There are two ways to write a communication plan. The first is to create it on the fly and hope it works. The second is to develop an intentional and message-driven annual comms plan that supports your organization’s strategic goals. While the second approach may seem daunting, it will make your communications more effective and provide you and your team with a roadmap for the year. How? An annual communication plan allows you to:
Take the time to review your organization's strategic goals, operating budget, and mission and values to create a plan that directly contributes to and reflects each of them.
Identify overarching key messages that reflect the year’s focus, as well as messages for individual campaigns and projects.
Create a calendar to understand the sequence of major campaigns and projects to identify complementary messaging, as well as overlapping priorities.
From here, you can create the messages, strategies, and tactics for each project and campaign.
BEFORE YOU WRITE A COMMUNICATION PLAN
Review your organization’s mission, vision, and values. Every campaign or project the comms team produces should support the organization’s mission and values. By reviewing them at the beginning of your planning, you can keep them top-of-mind as you write key messages and related content for different channels.
Use the strategic plan and annual operating budget to identify projects that will require communications support. If you are lucky, the budget will be finalized and include the strategic plan initiatives each project supports. If not, review the strategic plan as a reminder of your organization’s one-, five-, and 10-year goals. With long-term goals in mind, you will be able to create messages that put your messaging in perspective.

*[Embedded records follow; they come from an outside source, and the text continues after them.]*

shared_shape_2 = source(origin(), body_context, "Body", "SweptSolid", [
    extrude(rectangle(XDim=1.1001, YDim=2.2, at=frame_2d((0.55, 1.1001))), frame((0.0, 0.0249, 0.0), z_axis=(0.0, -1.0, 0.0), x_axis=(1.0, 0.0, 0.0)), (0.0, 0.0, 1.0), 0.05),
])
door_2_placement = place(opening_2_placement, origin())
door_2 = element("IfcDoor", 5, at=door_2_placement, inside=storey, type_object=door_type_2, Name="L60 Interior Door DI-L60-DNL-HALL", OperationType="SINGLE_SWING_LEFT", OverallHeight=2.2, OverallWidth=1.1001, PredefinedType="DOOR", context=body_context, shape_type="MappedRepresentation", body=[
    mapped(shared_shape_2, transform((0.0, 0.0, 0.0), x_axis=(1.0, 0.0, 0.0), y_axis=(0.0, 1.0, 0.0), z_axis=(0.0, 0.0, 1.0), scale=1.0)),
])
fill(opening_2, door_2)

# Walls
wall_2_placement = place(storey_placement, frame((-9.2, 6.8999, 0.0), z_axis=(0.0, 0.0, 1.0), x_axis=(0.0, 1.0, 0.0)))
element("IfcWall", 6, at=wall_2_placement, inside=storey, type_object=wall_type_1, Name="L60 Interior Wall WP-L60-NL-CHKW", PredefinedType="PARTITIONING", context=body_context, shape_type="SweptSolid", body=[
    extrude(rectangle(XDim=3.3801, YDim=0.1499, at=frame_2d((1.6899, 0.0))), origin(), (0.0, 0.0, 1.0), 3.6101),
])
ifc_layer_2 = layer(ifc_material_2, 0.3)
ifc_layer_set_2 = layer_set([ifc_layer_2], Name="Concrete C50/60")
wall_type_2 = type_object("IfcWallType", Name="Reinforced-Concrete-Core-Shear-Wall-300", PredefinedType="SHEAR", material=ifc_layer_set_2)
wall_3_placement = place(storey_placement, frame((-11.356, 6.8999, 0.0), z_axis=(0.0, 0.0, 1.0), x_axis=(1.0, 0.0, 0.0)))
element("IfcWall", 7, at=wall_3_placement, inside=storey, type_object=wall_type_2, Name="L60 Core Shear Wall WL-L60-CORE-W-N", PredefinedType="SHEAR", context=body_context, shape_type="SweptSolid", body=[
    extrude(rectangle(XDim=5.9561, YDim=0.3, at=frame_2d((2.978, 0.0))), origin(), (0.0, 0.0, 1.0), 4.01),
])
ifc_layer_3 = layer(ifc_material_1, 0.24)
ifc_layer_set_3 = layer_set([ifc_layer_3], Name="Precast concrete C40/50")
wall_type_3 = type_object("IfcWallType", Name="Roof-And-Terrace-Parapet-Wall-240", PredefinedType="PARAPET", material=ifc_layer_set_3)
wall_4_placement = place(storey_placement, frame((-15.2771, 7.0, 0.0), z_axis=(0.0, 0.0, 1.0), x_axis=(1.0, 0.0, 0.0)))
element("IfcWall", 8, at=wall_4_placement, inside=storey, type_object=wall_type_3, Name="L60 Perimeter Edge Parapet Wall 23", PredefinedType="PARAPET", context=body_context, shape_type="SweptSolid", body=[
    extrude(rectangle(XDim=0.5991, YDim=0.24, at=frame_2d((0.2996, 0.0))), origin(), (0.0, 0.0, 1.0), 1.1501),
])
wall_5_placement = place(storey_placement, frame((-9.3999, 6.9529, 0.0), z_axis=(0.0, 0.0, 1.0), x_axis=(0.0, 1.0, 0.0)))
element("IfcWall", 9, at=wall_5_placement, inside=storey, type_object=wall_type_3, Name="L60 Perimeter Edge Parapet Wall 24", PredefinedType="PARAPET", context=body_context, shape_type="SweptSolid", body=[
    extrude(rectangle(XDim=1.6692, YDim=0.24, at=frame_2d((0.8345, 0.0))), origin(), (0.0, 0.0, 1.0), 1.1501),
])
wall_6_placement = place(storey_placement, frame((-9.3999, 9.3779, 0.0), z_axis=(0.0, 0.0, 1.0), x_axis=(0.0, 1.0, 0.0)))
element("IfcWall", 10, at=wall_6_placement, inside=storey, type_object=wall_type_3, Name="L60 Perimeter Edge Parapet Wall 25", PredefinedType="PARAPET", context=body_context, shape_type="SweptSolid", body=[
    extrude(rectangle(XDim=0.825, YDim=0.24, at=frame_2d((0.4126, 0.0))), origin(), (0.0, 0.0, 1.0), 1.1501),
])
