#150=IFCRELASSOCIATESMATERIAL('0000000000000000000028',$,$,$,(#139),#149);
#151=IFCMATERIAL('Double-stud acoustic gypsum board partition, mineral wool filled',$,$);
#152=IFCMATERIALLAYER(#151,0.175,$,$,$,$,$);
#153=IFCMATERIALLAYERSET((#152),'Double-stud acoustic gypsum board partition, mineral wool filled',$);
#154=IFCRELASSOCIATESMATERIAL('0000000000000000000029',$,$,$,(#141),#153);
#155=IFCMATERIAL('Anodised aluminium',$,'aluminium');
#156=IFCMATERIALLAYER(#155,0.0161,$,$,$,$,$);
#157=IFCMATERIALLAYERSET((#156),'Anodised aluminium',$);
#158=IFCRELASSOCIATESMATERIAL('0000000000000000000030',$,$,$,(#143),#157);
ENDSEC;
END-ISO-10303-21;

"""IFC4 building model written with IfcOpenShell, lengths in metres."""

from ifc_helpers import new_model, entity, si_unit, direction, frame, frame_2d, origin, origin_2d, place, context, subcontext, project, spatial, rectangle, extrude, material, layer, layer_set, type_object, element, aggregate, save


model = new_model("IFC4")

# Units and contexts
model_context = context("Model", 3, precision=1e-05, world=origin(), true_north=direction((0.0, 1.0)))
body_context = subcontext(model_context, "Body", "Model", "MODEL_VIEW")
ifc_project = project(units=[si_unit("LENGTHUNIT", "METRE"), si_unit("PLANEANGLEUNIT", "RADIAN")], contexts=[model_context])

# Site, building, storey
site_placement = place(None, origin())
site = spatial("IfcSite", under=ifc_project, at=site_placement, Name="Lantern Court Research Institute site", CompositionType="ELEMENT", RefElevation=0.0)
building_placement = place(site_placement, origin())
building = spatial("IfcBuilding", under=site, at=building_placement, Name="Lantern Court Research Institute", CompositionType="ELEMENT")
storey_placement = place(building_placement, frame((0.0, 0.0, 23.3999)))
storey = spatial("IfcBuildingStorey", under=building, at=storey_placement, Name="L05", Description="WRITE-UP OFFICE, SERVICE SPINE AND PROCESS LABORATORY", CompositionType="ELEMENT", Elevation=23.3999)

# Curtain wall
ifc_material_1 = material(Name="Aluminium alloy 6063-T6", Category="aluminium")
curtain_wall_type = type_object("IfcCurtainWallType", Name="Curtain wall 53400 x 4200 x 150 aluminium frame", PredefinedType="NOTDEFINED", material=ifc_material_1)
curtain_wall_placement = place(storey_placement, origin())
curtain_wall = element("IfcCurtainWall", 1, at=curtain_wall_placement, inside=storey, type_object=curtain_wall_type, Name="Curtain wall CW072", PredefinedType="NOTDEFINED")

Identify the comms department’s projects and campaigns. Most likely, you will also have departmental goals, projects, and campaigns that are not explicitly cited in the strategic plan but ultimately support the organization’s goals that you will want to include in the plan. Include those as well.
Create a calendar that includes all projects and campaigns with nonnegotiable dates, such as holidays or grand openings. Then, begin adding in other projects.
WRITE YOUR COMMUNICATION PLAN
You are now ready to develop your communication plan using the steps below.
Set your goals. Ask your team what it is you want to achieve with your campaigns and projects. For instance, if you are a nonprofit and your development team has asked for assistance with Giving Tuesday, you will want a campaign that engages donors and drives them to go to your website to donate. Working with the development team, determine a goal for dollars raised or donors who give and measure against this goal throughout the campaign.
Identify your audiences. Every brand has multiple audiences. If you are a nonprofit, for instance, your three primary audiences may be clients, donors, and board members. Their needs and interests, and the channels you use to reach them, may be very different. Therefore, it is important to identify them and create messages and strategies targeted to each one.
Identify overarching key messages. Overarching messages bring focus and purpose to annual projects and campaigns. They also provide the foundation for your campaigns and projects and reinforce your organization’s mission, vision, and values. They do not have to relate directly to every project on your calendar, but they will encompass the organization’s major goals for the year. For example, if you are a liberal arts college launching a new internship program, announcing partnerships with industries that will help students build workforce skills, and breaking ground on a new library that will encourage collaboration, one overarching message may be:
Identify audience-specific messages for individual projects and campaigns. For each project and campaign identify the targeted audience(s) and key messages for each one.
Board of trustees
Identify audience-specific tactics. Choose tactics that will reach the audiences you are targeting. In other words, meet them where they are. Do they use social media? If so, what platforms are they on? Does the audience respond better to in-person events? The channels used for each audience may be different.
Choose a project lead and set launch and milestone dates. Milestone dates should be used to review data and determine if your goals are being met. If goals are not being met, determine what is working and what isn't and make changes as needed. Continue to monitor.
Once you have written your communication plan, you can use your preferred management software to outline the steps and milestones for each project and campaign.